To understand the situation in Canada you have to look at the cybersecurity problem globally. The RCMP is the main police in all provinces except Ontario and Quebec and they have finite resources to perform all their duties. Cybercrimes have been rising steadily over the last year, so the government has to invest more to deal with them. Police services across the country are way behind in terms of the human resources and technical capacity they need to keep up with cybercrime. Investigations are very time-consuming and require people who are competent in forensics. That raises costs but the budget is just not there. In addition, police don’t have enough specialists to help in these investigations. Or they do, but can’t use them because of budget restrictions. I have a friend, a police officer who did a digital forensics investigation course, followed by a year internship with the Sûreté du Québec, but when he returned to his base, his supervisor told him they were short of patrollers, so he would have had to go back to a patrol car. It’s not a problem that just popped up last week. It’s been a problem for the last 10 or 15 years.
Canada just created a new National Cybercrime Coordination Unit (NC3) that is supposed to be up and fully operational in 2024. How is this going to help consumers?
Coordinating services between police forces across the country will help a lot. NC3 is primarily a national coordination effort. Let’s say you are a police service tracking someone on the Dark Net.
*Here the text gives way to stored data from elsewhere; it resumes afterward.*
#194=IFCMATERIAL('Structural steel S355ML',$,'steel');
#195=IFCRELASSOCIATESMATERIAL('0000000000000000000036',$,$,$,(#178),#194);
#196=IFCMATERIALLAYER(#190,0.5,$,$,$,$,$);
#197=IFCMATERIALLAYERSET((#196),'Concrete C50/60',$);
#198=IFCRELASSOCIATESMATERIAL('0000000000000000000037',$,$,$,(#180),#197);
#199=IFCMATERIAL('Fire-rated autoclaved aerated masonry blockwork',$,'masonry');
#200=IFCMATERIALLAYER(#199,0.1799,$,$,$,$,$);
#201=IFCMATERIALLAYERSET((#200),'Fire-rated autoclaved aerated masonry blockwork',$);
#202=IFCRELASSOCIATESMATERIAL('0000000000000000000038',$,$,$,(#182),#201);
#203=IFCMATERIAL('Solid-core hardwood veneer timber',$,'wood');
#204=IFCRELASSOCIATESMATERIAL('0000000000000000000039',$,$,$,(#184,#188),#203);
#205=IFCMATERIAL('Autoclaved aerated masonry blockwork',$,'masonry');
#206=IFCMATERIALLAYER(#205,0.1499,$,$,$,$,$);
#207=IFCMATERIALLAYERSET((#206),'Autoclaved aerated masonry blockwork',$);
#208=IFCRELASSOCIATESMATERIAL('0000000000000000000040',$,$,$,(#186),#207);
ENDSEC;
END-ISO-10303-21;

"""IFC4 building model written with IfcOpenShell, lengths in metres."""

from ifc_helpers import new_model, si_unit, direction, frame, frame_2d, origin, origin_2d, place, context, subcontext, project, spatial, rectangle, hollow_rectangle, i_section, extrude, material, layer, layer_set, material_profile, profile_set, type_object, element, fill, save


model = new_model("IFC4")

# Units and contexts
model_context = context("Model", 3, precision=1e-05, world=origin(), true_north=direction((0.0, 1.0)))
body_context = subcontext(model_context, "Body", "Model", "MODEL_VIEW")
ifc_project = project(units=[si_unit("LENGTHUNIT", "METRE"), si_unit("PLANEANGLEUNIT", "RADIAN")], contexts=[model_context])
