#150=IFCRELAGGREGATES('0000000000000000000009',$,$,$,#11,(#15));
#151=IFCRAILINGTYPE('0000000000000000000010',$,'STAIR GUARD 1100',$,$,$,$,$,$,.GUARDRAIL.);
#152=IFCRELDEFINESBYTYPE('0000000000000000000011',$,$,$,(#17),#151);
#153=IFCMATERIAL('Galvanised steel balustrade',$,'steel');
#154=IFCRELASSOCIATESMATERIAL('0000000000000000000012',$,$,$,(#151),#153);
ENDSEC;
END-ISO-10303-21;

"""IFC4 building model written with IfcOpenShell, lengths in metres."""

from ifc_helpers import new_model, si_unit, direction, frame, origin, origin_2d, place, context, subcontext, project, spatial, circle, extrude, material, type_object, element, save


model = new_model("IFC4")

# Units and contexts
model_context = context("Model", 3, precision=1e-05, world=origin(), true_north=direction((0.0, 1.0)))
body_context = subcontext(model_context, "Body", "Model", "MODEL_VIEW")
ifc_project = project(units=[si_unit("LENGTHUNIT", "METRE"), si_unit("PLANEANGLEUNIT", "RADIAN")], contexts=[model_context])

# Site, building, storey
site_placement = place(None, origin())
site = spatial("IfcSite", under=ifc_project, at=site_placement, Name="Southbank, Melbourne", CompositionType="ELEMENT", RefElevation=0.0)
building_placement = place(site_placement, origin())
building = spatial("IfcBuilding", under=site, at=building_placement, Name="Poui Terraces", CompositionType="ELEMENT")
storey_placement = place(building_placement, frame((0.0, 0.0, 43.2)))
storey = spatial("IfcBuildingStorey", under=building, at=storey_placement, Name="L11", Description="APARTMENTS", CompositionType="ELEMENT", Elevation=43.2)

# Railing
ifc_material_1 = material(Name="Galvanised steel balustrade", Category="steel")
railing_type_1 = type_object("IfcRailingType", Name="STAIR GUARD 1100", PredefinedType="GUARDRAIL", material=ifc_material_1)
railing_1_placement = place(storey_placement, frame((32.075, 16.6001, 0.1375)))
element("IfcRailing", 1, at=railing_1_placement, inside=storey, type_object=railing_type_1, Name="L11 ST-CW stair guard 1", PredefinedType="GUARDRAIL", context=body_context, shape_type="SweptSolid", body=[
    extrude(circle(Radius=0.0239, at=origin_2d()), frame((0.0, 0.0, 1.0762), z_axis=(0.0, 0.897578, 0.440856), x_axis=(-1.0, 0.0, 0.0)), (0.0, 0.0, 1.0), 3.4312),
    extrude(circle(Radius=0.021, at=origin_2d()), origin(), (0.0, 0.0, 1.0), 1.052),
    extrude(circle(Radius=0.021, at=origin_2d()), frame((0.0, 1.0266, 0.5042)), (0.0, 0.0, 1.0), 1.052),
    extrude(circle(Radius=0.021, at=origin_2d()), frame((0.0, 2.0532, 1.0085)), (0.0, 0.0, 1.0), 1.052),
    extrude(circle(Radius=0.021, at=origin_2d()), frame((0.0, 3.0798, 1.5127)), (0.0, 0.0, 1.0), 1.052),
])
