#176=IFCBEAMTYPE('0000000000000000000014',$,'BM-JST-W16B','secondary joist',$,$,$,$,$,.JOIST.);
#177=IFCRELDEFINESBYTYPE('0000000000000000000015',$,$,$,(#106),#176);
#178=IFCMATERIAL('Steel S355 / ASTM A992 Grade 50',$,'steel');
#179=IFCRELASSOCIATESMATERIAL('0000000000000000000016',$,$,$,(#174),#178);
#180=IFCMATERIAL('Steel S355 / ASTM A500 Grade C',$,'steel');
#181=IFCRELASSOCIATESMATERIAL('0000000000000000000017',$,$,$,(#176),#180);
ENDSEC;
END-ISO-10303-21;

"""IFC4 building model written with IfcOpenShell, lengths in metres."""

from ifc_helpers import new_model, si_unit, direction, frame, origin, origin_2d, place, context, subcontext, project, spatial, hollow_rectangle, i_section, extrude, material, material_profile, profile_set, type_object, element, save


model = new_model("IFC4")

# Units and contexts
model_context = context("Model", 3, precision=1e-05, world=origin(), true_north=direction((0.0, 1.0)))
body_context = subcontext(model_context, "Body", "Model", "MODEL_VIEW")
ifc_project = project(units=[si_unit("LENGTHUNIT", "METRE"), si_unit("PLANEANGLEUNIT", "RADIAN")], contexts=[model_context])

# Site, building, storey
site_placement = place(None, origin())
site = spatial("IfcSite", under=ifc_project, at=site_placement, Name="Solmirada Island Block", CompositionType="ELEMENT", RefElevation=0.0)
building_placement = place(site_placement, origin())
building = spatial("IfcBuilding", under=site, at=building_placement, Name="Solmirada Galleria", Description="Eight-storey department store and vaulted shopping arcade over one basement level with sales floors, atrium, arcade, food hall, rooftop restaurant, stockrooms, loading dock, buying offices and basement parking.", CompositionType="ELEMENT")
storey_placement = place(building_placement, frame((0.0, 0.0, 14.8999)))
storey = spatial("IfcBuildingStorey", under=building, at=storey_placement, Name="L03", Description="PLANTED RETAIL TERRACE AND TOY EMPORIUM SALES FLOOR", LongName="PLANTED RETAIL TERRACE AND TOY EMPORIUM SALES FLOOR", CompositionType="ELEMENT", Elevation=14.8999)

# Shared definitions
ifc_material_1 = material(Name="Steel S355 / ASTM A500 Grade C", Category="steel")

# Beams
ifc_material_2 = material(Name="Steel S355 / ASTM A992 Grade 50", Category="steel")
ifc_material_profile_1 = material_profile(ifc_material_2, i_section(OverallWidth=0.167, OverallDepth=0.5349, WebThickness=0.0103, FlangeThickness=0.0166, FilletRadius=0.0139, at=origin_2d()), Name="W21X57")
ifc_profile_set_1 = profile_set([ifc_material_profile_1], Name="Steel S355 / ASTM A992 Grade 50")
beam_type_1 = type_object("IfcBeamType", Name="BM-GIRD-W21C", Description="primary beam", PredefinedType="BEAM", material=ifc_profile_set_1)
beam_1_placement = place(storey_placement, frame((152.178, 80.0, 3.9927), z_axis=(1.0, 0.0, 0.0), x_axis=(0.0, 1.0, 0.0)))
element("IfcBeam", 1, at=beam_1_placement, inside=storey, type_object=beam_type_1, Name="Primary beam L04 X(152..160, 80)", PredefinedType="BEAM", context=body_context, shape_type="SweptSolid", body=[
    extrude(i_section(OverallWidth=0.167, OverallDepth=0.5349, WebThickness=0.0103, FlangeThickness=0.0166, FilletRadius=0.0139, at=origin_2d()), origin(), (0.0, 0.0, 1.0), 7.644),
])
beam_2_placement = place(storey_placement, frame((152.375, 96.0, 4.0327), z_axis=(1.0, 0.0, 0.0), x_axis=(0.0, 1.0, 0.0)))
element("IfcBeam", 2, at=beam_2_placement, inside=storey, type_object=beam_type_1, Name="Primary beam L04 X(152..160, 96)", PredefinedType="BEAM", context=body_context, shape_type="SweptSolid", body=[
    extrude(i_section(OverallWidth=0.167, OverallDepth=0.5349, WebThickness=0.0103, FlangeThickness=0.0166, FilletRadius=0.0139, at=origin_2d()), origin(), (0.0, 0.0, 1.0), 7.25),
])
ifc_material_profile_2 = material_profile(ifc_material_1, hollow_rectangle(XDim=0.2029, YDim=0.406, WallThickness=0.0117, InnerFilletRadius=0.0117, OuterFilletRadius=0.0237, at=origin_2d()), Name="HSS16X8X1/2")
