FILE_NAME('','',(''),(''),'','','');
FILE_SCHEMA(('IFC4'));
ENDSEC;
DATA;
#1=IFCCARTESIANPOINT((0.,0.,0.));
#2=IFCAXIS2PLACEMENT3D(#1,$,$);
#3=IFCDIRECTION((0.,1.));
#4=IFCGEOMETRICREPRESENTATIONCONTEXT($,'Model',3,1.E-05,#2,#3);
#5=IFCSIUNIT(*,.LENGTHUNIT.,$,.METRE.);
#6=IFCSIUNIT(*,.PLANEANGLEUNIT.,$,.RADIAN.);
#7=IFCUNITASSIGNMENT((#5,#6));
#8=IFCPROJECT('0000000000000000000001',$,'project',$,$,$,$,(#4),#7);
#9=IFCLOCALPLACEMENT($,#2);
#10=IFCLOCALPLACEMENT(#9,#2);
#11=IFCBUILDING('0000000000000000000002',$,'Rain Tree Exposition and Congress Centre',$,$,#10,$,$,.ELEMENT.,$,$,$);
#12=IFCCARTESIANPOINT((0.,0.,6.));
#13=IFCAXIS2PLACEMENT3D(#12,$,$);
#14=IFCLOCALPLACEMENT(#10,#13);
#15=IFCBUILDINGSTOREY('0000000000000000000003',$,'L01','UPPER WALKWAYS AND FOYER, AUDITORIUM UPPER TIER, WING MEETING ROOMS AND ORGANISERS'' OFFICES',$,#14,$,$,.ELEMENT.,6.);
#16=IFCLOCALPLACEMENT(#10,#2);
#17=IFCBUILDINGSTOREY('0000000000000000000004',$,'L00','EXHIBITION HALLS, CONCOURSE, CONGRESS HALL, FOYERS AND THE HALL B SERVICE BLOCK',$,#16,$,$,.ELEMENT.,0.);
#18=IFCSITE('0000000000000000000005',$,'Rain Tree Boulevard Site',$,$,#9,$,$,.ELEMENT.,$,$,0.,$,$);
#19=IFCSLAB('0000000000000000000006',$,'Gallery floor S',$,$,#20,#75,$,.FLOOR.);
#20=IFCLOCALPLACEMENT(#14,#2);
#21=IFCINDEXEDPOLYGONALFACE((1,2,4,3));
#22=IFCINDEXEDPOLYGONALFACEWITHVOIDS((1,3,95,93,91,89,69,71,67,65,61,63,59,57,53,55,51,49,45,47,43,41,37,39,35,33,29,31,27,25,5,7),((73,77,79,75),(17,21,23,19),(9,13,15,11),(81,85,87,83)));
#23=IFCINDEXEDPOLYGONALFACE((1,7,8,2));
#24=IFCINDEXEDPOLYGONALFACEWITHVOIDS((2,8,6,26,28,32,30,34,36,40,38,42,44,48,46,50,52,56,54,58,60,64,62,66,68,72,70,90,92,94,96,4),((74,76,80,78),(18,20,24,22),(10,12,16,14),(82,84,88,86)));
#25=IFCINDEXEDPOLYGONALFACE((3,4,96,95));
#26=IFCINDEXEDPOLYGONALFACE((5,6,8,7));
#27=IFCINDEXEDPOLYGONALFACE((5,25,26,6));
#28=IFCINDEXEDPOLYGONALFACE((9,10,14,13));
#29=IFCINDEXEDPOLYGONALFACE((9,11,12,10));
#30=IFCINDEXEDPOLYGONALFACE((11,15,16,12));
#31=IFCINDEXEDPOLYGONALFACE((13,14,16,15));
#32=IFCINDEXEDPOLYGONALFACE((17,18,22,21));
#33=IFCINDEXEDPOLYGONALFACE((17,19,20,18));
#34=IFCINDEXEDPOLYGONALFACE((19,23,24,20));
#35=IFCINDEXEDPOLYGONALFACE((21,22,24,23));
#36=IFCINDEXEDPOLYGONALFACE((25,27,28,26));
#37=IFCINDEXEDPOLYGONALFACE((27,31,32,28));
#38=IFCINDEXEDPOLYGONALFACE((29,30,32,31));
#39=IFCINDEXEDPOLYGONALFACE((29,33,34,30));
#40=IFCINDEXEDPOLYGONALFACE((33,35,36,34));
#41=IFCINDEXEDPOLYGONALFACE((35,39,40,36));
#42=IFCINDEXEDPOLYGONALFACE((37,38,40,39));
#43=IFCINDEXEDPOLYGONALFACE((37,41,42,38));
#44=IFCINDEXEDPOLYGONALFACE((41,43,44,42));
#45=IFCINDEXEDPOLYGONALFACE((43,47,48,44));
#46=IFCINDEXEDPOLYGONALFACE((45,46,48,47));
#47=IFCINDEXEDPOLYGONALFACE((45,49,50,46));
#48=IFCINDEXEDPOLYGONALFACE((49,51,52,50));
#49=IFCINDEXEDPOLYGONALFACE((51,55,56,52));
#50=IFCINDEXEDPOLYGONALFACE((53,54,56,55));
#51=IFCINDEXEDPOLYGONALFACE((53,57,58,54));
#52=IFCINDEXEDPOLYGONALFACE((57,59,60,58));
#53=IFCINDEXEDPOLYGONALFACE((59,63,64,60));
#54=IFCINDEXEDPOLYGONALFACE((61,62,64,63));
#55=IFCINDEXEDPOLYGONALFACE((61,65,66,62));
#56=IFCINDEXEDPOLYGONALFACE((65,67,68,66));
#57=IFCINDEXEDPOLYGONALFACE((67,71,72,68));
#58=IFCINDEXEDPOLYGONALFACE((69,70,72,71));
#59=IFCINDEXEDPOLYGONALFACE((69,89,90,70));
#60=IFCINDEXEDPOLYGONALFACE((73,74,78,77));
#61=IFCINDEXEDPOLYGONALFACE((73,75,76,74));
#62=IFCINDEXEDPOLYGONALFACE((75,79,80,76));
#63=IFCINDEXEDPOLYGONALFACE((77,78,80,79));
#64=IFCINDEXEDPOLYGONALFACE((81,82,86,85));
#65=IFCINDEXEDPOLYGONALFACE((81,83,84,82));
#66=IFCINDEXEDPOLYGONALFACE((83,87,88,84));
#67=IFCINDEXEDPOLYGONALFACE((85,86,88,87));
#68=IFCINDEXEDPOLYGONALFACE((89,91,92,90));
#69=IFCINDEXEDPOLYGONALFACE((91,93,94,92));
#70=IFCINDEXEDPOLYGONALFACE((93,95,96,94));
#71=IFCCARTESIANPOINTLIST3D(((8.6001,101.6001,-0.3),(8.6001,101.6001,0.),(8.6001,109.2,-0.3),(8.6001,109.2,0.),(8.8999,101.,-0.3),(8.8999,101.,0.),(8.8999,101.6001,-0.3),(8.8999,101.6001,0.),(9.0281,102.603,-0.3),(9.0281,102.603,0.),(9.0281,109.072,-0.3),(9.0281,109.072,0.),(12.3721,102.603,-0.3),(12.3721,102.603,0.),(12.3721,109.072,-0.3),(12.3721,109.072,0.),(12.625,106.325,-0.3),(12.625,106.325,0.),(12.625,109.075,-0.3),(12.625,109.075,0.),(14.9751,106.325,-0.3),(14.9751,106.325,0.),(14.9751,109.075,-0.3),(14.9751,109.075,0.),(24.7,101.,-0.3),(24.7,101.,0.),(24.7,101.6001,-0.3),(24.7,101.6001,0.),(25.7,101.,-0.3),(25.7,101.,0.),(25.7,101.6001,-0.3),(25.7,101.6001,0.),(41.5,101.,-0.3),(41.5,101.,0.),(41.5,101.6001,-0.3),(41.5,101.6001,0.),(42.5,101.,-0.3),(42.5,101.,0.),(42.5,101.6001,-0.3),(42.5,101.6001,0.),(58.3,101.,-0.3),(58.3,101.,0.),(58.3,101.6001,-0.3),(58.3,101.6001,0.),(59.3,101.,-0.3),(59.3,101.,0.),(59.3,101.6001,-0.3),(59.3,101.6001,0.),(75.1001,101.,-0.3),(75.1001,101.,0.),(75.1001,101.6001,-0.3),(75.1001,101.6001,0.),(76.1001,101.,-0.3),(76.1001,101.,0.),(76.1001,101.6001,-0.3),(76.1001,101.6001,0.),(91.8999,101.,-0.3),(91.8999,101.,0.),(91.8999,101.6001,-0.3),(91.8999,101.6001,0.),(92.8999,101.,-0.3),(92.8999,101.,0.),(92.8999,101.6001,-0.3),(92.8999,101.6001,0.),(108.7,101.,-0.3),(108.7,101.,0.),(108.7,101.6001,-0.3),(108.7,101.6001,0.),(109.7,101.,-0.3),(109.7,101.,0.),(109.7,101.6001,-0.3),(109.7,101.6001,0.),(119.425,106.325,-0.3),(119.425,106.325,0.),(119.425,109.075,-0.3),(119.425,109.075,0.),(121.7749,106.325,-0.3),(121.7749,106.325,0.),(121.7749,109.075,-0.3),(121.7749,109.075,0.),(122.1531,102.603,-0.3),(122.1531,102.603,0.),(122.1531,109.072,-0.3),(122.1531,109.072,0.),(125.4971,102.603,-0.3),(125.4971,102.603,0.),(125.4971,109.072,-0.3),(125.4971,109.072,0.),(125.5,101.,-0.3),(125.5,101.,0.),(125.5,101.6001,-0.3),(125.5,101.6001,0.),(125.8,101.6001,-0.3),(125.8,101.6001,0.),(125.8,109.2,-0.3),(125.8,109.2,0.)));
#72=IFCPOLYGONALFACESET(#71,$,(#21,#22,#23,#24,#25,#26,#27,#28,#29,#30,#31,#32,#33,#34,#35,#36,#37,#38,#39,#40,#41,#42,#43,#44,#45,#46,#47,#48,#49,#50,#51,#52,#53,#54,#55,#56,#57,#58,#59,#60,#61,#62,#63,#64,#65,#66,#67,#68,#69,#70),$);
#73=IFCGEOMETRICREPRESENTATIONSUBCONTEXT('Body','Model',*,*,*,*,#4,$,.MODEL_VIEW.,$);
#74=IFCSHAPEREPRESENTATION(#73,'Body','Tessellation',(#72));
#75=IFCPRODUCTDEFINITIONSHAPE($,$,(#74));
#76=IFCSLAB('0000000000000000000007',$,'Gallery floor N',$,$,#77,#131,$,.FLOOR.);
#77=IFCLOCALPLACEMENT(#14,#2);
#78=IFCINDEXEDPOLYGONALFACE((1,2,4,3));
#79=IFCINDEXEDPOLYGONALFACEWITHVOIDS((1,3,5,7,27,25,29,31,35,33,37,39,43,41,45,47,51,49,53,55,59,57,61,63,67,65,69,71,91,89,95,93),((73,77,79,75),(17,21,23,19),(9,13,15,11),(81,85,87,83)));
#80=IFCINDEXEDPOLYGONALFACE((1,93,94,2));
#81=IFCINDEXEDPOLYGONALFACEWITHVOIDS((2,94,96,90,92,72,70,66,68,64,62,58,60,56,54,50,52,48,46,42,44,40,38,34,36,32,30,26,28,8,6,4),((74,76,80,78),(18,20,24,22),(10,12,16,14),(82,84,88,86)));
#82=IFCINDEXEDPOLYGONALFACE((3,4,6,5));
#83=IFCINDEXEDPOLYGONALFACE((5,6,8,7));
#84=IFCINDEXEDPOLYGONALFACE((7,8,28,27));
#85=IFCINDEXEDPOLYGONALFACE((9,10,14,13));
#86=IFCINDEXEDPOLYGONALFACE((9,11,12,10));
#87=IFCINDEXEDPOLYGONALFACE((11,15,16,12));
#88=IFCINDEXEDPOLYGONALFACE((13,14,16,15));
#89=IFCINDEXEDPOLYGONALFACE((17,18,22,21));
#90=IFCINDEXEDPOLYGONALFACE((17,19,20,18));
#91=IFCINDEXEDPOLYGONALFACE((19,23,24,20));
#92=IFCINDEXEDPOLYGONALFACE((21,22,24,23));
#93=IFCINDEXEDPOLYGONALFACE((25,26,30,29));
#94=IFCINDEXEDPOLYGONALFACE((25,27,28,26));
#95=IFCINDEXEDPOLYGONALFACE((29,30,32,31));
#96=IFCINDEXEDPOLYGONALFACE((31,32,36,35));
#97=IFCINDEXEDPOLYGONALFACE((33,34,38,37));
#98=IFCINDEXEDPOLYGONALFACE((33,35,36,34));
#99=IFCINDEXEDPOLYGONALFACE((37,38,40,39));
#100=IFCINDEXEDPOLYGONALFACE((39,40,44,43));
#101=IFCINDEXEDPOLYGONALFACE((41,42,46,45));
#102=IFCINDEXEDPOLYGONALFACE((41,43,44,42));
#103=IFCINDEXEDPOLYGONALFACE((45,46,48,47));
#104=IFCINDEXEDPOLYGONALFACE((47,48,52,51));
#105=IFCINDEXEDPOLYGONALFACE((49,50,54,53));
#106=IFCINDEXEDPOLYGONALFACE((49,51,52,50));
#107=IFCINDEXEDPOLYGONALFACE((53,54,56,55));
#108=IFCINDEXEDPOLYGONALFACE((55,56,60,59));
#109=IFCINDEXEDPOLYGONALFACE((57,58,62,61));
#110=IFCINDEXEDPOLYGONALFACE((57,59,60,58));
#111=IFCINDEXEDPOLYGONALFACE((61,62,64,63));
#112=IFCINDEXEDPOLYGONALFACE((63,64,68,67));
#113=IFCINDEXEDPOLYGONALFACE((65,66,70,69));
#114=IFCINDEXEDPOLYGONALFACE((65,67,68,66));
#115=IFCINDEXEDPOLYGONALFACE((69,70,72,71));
You have all the information you need to find them. Then you realize you are talking to two other police forces doing a similar investigation and you discover that they are looking for the same thing. Before NC3, you would have had three police forces doing the same job, each in their silo, none sharing information. NC3 will allow these different police services to coordinate their efforts so they won’t be using resources separately to do the same investigation. So let’s say Sudbury is looking at a cybercrime and it turns out that Halifax has investigators looking into a situation that has the same look and feel. Meanwhile, in Montreal they figure out something specific about where the criminals are working. By coordinating efforts through NC3, these three forces will be able to save time and resources and solve the crime faster.
Many Canadian provinces are considering creating digital identity cards to replace drivers’ licences and medical cards. How will these help fight identity fraud?
There has been a national effort going on for the last five years, led by the Digital Identification and Authentication Council of Canada, to create standardized digital identities that will be used in all aspects of our society: banks, government bodies, security companies, telecom companies and more. Canada isn’t inventing anything. Lots of other countries across the world have been using digital identities for the last 10 or 15 years: Belgium, Brazil, South Africa, even Estonia. So really, Canada is just getting into the 21st century. Digital identities will be hard for cyber criminals to forge because they combine identity information from different sources, for example, your passport number and your online purchasing or social media. The experience of other countries across the world has shown that digital identities are a sustainable way of protecting citizens’ identities. Estonia, for example, which has a population of 1.3 million, was the first country to use completely digital identities for everything from voting to purchasing consumer goods. The system was attacked by Russian sympathizers, but they recovered and survived and it is still working.